Yeah that M100DEX looks similar doesn’t it. And for lots more money. I do think this stuff is pretty good quality Somewhat better than the usual black oxide tools. I couldn’t quantify it but the results speak for themselves. I like sandvik but that’s not for me too pricey. I’ve used the regular Chinese inserts and these ones from nicecutt they seem better to me.


----------



## Everett (Dec 25, 2018)

That is a very nice surface finish.  As for insert tooling, all my carbide insert stuff came from eBay vendors out of China.  Had to wait a while for each of them but the price made the wait worth it.  I could see a production CNC place wanting consistency between holders and bits to be tight when trying to keep a production machine running with fresh bits all the time, but for those of us at home with mostly manual equipment the cost difference isn't worth the name brand when we have other needed tooling that could use that budget space.  I've never ordered from Aliexpress or Banggood, has everyone here who has ordered from them had mostly decent experiences with them?


----------



## buckbrush (Dec 26, 2018)

I have had good experiences with them, check out "Pierre's garage " on YouTube, he is a canuck and test's some of their stuff.


----------



## Dabbler (Dec 27, 2018)

I've had very good experience with Banggood.com, but none with aliexpress.


----------



## Everett (Dec 27, 2018)

Thanks, was just curious what they were like for the regular consumer.  Rob (xynudu) from Australia, Pierre, and John Mills in England have all done reviews for Banggood so they're likely to be treated well, but was interested to see what they were like for regular sales.  I've only used eBay and some Amazon but the vendors have to behave themselves in those environments to a certain extent or lose their credibility (and therefore sales).


----------



## PeterT (Dec 27, 2018)

I've used AliExpress & Ebay predominantly. No problems with Ali other than shipping time which is a common issue regardless if originating from Asia. I have not used Bangood but for no particular reason. Sometimes I see the exact same item and/or even same seller across all 3 platforms.
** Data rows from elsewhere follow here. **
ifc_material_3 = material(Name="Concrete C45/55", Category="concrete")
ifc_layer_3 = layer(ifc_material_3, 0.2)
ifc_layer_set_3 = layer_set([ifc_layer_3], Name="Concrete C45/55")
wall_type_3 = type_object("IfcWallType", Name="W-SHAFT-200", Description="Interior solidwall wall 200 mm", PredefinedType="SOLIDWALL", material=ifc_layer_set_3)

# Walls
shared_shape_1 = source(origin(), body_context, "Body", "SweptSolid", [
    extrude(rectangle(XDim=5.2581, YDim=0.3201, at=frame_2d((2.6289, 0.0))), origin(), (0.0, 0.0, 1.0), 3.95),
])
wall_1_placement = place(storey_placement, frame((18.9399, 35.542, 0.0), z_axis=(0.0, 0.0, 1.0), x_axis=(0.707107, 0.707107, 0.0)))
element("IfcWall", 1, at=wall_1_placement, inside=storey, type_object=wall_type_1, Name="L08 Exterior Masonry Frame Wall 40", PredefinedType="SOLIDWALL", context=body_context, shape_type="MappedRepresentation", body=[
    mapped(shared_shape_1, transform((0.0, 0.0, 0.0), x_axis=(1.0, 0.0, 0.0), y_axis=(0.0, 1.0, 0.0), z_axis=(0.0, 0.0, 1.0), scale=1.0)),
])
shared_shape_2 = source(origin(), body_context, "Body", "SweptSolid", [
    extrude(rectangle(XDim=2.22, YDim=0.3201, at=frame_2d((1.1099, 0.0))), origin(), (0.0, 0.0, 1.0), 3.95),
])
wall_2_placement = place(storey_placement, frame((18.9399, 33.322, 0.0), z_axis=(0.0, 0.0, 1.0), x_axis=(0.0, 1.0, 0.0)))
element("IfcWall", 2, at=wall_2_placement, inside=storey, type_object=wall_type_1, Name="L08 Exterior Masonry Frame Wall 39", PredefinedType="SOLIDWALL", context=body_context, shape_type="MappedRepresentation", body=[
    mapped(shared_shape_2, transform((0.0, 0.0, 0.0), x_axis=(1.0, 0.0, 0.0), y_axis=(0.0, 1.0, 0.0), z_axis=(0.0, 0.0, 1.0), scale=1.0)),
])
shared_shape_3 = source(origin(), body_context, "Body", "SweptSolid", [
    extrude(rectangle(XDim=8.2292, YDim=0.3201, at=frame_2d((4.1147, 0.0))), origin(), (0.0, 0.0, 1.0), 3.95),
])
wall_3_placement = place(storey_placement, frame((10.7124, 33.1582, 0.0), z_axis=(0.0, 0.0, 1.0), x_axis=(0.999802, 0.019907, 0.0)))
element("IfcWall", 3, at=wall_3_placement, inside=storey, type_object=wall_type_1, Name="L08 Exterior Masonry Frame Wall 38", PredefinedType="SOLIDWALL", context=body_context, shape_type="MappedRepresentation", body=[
Maybe its me or the particular machining type stuff I'm looking at, but seems like Ali has increasingly more items identified for shipping by DHL or similar faster courier mode vs. the classic TheSlowBoat free shipping or minimal shipping cost mode. That expedited / trackable? mode cost can add substantially. Maybe its a trend or maybe just select sellers but I have noticed expedited is the ONLY way they ship, no SlowBoat is even available. Maybe they are bigger more industrial sellers or maybe they have had too many delivery issues? The expedited seems a bit cheaper than ordering the same item out of USA weight/size factored by USPS, but this is just a generalization.

Another interesting thing is going to be how tariffs will/will not apply to us 2019+. If a USA company imports a tariff add Chinese item, I suspect that will be a cost add to them & this dinger will get passed onto a CDN order. That's before any new-Nafta, GST etc. Now if you bought the exact same item from China direct, we don't have these trade war tariffs (yet) so maybe mitigating these dispute tariffs?  Its a mess, that's all I know.


----------



## Johnwa (Dec 27, 2018)

Most of the free shipping has disappeared from Aliexpress.  
 Depending on the vendor shipping starts at about $6.  Those that only use couriers are much higher.


----------



## Janger (Dec 27, 2018)

Johnwa said:


> Most of the free shipping has disappeared from Aliexpress.
> Depending on the vendor shipping starts at about $6.  Those that only use couriers are much higher.


I was reading about this today. Apparently the postal strike caused the vendors to stop post shipments as they were being refused by Canada post. I hope this gets resolved but we’re small potatoes...ugh.


----------



## Downwindtracker2 (Dec 29, 2018)

We assume postal service is efficient and honest, if somewhat slow. In a lot of the world that simply isn't true. I've gotten books from South Africa,, they use courier if they want to be assured it will arrive.


----------